The bottom line is that the two-tiered public/private school system is blatantly regressive. And inconsistent with the whole 'fair go' philosophy.


----------



## hoppy2B (14/3/14)

So what you're saying is that Gina who was born with a silver spoon up her bum is stupid because she must have gone to a private school, so we should excuse her stupid comments on the grounds of diminished responsibility. h34r:


----------



## wide eyed and legless (14/3/14)

Never will be a "fair go" or all things will never be equal, if every school became a public school which students will get the most attention, the ones who are doing well.
The ones who struggle will be left behind, all the encouragement will go to the students who are hungry for more knowledge.
Also the private school students, what percentage of those have come from families who's parents came from the public school system, a fair few I would be betting.
I think it is good that there is a choice, private or public.


----------



## Ducatiboy stu (14/3/14)

The Catholic school system is the 2nd biggest educator of K-12 students. And really there is no difference at the end of the day on the difference between the Catholic & Public system. Now when it comes to SCEGGS,KNOX, THE KINGS etc things are different. They are elite which charge accordingly, they charge big fees and have large endowments behind them. You expect top notch education from them. If you can afford to pay ( or want to...its a choice ) then I dont think our taxes should be unproportianatly directed at them.

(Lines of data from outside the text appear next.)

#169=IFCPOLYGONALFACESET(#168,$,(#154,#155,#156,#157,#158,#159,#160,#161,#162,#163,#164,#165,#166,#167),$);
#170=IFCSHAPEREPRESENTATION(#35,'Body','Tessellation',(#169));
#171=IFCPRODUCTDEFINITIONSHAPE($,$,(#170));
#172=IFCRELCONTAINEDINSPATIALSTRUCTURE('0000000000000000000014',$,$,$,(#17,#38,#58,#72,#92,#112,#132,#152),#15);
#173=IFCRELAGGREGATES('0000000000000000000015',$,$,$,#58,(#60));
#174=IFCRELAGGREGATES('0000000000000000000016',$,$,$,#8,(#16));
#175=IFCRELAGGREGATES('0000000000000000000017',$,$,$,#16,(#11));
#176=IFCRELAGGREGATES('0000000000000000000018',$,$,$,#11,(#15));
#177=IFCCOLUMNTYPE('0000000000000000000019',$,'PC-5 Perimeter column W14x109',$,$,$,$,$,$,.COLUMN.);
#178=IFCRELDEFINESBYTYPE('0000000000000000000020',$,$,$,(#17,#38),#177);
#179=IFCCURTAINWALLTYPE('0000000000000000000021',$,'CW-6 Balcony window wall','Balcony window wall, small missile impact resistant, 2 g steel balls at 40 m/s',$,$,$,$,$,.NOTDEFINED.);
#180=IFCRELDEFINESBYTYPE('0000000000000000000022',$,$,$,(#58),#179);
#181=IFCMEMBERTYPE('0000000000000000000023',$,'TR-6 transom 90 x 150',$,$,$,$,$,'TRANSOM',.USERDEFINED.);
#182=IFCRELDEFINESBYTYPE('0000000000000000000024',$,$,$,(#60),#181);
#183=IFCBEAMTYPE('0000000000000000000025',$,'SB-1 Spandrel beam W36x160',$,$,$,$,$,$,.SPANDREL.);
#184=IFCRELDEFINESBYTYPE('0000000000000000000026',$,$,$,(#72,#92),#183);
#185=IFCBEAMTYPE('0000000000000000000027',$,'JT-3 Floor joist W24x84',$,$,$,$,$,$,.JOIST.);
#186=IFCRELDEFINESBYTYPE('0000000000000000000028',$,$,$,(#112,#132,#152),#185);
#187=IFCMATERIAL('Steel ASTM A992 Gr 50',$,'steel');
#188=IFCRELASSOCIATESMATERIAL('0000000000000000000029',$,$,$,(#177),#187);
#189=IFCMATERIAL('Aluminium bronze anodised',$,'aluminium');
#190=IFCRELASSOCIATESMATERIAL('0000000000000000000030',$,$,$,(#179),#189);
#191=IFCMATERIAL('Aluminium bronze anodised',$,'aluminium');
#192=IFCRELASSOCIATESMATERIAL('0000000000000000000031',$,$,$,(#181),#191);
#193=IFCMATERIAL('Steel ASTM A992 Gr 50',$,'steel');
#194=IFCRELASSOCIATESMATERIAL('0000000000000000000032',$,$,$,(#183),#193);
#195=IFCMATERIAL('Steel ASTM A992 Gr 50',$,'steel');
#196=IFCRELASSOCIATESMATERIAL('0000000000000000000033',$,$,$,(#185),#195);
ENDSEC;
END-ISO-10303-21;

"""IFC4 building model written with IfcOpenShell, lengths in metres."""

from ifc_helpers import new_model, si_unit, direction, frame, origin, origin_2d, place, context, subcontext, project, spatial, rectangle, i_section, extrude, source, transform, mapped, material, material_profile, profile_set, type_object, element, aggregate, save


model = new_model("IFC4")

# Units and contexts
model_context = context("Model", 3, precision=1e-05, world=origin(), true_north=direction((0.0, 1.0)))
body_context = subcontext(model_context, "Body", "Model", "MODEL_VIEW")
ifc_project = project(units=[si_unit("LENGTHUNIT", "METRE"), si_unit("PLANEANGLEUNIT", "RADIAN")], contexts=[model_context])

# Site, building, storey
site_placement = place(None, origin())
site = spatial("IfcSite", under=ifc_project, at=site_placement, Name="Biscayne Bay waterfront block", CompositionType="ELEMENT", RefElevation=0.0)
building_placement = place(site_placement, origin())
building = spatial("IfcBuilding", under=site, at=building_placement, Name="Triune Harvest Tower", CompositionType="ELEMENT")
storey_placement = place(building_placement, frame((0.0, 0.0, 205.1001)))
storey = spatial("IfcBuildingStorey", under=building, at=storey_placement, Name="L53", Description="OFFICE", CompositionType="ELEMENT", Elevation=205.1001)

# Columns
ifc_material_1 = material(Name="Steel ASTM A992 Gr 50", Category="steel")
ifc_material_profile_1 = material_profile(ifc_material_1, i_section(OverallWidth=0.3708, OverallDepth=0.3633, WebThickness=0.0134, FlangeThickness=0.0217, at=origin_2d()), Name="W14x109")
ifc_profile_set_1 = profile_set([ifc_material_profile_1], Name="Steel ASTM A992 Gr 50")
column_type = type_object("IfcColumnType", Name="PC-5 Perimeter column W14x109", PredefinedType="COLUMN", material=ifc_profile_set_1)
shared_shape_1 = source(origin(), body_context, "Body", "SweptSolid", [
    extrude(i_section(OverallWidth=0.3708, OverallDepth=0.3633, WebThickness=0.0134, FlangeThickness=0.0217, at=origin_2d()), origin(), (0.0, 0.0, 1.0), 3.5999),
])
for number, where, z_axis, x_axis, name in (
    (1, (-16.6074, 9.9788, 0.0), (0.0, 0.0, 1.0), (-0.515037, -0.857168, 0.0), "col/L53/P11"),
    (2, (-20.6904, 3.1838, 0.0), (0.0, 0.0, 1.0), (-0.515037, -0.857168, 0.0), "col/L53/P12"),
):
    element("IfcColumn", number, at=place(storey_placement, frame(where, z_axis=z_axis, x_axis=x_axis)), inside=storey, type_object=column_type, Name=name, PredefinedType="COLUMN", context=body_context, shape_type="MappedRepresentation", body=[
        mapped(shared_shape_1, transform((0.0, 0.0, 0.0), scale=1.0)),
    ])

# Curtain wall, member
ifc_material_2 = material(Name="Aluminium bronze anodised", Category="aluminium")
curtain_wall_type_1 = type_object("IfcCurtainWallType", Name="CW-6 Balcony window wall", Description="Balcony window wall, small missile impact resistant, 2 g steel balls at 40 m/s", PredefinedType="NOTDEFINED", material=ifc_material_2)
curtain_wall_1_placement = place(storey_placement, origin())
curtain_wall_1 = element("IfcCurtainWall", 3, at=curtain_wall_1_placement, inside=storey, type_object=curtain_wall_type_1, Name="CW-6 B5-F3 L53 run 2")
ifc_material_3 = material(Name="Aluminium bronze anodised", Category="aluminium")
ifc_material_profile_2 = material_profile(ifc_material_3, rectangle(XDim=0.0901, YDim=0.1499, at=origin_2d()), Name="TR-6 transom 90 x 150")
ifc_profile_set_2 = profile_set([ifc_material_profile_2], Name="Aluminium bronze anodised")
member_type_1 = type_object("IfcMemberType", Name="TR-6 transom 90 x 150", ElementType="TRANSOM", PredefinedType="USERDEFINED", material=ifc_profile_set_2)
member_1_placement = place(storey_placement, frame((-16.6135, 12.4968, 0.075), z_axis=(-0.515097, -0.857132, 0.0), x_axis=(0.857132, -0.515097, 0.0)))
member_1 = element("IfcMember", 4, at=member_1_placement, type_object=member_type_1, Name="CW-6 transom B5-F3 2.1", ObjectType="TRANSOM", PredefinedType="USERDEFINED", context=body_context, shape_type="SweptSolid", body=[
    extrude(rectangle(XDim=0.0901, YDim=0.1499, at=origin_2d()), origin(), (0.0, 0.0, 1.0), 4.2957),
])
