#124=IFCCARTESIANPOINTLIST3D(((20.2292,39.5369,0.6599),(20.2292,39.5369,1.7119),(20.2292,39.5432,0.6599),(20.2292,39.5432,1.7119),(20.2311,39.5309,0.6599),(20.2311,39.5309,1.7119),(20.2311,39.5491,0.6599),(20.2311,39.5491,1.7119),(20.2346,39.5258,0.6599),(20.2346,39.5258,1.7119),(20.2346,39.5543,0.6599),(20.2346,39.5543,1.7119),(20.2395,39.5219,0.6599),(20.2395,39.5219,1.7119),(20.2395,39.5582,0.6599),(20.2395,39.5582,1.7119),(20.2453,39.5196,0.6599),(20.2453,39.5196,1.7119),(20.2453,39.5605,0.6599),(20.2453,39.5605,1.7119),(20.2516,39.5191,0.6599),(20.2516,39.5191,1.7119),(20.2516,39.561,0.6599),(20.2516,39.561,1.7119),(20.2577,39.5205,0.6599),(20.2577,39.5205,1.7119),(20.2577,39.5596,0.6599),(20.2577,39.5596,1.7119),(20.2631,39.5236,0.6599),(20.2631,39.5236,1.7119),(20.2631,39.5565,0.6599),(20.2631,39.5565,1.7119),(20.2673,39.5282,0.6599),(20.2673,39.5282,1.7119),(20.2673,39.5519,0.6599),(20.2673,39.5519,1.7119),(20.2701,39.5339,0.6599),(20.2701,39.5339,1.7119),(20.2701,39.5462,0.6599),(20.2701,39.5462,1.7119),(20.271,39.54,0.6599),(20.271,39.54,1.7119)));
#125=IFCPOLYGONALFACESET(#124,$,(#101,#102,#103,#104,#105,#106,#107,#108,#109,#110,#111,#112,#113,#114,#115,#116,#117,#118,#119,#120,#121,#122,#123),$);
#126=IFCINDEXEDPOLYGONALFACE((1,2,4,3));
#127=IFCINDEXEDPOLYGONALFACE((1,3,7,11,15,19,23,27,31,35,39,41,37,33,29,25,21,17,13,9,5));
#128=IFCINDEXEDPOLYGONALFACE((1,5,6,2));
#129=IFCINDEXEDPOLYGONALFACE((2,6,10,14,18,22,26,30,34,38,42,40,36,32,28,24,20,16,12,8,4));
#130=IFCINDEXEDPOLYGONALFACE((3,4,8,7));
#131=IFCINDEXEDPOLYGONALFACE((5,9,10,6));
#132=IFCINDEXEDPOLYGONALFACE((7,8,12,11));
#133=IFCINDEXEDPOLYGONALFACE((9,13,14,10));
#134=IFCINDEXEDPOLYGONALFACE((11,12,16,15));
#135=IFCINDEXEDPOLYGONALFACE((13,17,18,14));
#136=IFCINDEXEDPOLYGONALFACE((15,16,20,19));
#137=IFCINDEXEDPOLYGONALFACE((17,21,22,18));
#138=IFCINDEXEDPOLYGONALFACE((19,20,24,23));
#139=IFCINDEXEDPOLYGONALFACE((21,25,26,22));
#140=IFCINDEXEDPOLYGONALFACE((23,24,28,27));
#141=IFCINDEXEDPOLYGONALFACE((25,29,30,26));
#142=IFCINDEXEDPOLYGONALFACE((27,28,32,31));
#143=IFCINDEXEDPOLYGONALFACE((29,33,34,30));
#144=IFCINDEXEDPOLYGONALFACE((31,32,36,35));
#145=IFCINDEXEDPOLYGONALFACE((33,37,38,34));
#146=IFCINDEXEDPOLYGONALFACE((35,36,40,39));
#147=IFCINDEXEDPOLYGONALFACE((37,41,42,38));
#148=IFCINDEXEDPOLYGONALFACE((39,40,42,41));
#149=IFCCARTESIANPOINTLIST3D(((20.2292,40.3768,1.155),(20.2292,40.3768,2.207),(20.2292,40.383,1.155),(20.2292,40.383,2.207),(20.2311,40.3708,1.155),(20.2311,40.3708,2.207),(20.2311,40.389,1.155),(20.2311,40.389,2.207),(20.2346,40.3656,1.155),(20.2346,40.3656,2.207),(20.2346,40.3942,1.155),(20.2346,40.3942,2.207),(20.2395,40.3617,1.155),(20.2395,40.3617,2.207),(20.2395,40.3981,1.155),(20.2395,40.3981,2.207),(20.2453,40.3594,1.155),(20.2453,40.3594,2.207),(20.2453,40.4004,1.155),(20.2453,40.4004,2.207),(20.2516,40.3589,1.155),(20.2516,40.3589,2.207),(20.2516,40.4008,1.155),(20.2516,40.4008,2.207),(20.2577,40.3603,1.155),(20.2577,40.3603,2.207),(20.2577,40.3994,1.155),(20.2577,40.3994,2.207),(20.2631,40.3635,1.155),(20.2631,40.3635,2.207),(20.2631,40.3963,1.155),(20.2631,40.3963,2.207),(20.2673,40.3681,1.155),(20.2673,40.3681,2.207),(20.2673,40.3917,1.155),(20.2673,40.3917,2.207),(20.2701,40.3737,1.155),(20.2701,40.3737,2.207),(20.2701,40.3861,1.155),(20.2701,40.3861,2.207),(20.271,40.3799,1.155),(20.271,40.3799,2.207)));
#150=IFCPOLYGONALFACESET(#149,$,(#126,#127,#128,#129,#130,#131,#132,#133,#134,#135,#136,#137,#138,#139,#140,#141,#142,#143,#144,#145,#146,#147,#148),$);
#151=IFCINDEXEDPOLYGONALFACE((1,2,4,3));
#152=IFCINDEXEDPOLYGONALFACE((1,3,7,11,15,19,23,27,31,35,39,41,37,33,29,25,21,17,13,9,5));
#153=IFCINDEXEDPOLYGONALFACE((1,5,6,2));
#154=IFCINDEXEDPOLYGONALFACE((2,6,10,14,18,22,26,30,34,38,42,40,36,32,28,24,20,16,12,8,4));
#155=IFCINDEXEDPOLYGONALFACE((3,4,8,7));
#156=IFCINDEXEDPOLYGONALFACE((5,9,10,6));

The general Catholic schools deserves the same equal funding as public systems. Its when "The rich " schools put there handout when not needed is an issue.


----------



## Liam_snorkel (14/3/14)

wide eyed and legless said:


> Never will be a "fair go" or all things will never be equal, if every school became a public school which students will get the most attention, the ones who are doing well.The ones who struggle will be left behind, all the encouragement will go to the students who are hungry for more knowledge.Also the private school students, what percentage of those have come from families who's parents came from the public school system, a fair few I would be betting.I think it is good that there is a choice, private or public.


Norway.


----------



## wide eyed and legless (14/3/14)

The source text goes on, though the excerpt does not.